- Other names: Amamit, Ishtar
- Abode: World of Darkness
- Planet: Venus
- Parents: Ruha and Ur

Equivalents
- Akkadian: Inanna (Delebat)

= Libat =

Planet Venus in Mandaeism

In Mandaeism, Libat (ࡋࡉࡁࡀࡕ) is the Mandaic name for the planet Venus. Libat is one of the seven planets (ࡔࡅࡁࡀ), who are part of the entourage of Ruha in the World of Darkness.

In Mandaean astrology, Libat is associated with success in love and reproduction. Libat's name is derived from the Akkadian Delebat, with the first syllable of the Akkadian original possibly originally omitted due to being analyzed as the Mandaic relative pronoun ḏ (ࡖ).
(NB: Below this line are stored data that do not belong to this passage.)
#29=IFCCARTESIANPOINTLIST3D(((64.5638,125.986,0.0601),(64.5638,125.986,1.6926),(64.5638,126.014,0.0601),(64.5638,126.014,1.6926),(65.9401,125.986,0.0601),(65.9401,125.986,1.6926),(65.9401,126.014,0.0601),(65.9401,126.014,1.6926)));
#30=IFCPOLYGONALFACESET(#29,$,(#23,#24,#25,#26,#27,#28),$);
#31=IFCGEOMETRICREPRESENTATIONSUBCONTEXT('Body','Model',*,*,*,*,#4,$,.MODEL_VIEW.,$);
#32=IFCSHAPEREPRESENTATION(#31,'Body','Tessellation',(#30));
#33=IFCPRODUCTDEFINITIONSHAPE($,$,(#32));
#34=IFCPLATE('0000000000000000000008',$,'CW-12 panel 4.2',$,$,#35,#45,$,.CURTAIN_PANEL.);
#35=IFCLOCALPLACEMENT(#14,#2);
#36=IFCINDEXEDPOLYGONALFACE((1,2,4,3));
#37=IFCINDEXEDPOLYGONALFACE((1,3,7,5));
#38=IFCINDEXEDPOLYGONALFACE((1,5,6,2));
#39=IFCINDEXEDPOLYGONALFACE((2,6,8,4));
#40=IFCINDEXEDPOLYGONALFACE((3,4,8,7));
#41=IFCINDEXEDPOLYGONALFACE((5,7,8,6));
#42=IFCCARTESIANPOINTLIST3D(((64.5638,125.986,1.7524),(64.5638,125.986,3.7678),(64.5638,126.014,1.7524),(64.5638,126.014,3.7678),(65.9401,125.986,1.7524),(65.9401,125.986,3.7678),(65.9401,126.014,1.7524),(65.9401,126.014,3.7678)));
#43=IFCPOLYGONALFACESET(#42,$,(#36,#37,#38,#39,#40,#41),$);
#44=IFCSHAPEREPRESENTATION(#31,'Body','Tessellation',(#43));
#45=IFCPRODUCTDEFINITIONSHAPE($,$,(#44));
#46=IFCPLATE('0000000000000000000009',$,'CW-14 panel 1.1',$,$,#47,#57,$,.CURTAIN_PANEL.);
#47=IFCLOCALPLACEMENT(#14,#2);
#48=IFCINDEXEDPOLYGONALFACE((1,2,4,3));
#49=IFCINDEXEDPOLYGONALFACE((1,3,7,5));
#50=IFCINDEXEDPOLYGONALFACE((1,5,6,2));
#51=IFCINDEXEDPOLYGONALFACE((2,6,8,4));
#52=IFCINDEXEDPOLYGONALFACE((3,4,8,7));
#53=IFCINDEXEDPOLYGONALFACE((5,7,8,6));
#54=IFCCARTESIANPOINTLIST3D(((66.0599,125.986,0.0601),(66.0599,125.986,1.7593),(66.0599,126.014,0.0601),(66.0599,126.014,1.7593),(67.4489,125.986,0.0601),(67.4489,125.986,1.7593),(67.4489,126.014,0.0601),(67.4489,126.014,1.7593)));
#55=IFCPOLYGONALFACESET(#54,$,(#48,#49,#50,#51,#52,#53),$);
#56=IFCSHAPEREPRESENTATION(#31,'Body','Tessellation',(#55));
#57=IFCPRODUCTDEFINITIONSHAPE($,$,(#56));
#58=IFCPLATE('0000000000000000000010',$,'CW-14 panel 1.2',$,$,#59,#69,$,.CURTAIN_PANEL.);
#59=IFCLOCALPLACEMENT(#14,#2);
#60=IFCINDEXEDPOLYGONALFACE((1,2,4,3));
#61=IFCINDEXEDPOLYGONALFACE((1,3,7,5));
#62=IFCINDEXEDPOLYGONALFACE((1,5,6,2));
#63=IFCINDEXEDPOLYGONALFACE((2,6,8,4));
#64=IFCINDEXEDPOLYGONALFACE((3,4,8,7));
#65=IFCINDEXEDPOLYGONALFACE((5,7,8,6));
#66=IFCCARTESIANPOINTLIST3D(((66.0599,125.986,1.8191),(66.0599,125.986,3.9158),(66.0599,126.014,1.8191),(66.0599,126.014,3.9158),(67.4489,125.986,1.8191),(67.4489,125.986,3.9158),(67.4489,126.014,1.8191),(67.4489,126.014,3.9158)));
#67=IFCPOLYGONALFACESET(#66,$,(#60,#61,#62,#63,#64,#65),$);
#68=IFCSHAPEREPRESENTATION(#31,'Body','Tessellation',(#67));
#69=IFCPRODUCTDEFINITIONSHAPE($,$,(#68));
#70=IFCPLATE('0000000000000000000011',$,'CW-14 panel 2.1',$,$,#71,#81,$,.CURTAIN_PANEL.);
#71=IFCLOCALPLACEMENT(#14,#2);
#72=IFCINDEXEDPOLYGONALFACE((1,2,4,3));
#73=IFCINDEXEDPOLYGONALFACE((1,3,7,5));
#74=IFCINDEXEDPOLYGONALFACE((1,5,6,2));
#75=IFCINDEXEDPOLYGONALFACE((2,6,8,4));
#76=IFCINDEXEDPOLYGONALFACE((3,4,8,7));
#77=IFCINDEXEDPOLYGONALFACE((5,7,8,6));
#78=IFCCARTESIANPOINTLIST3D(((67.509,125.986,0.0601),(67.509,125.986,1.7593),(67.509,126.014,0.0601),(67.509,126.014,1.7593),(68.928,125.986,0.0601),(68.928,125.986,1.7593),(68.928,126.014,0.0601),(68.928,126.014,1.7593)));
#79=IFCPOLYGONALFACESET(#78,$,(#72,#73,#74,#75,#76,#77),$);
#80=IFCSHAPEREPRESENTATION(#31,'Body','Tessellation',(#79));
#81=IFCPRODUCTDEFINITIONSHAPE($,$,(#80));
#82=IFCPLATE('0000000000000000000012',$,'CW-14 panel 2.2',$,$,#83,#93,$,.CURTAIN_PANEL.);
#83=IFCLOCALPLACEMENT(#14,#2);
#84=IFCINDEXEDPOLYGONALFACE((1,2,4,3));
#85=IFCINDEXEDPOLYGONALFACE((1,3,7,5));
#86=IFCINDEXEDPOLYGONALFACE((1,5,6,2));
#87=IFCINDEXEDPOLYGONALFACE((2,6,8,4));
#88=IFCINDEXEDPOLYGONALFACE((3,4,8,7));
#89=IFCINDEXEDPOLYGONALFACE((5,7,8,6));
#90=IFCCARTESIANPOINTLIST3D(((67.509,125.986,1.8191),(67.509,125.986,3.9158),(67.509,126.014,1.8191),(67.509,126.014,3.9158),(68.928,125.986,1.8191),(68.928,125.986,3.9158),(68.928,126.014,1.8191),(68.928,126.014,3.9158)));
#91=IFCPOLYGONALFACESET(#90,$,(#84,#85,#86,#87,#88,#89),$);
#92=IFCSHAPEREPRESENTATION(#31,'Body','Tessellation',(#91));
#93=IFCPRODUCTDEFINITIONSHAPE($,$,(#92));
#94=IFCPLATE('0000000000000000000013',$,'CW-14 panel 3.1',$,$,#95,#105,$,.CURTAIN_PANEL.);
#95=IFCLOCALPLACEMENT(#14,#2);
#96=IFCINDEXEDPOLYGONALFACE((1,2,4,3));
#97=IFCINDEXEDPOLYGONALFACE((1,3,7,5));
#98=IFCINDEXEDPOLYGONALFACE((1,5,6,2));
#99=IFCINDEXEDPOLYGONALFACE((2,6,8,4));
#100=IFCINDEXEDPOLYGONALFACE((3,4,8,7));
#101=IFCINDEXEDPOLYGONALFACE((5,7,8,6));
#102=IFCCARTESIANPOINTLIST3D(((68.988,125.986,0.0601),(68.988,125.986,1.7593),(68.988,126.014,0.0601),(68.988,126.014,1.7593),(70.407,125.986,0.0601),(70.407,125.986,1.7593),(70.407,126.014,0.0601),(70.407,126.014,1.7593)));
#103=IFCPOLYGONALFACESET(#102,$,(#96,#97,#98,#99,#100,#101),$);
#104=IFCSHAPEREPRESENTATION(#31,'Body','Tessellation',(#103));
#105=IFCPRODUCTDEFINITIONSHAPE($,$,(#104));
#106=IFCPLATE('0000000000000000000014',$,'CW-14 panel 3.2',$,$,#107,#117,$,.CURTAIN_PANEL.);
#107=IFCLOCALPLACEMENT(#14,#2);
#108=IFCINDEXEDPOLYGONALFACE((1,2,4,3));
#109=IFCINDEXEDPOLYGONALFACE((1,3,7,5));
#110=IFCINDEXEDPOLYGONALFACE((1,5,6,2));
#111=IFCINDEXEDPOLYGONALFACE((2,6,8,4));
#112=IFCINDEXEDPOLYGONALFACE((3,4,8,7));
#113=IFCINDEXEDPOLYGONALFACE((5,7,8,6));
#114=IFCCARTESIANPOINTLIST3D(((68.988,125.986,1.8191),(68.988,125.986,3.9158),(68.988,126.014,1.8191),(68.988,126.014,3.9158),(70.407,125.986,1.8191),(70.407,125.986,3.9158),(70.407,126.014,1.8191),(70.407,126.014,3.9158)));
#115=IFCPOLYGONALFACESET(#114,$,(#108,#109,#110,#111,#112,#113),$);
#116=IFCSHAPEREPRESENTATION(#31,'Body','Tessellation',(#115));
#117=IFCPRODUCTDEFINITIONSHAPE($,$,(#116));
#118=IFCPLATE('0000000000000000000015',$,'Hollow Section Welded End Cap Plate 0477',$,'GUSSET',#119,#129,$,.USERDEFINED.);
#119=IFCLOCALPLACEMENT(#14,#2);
Other Mandaean names for Libat include Argiuat, Daitia, Kukbat (the diminutive of 'star'), Spindar, as well as Ruha or Ruha ḏ-Qudša (Holy Spirit) and her epithets – Amamit (as an inhabitant of the underworld), and ʿstira (or Estira, i.e., Ishtar or Astarte).

In the Right Ginza, Libat is described with the term daiuia, a loanword derived from Middle Persian dēw "demon". The planet is identified in this context with Amamit, a demonic figure derived from the Mesopotamian goddess Mamitu. An exception from the negative Mandaean perception of Venus are late antique magical formulas, in which Libat is sometimes invoked in a positive context, to secure success in love or procreation.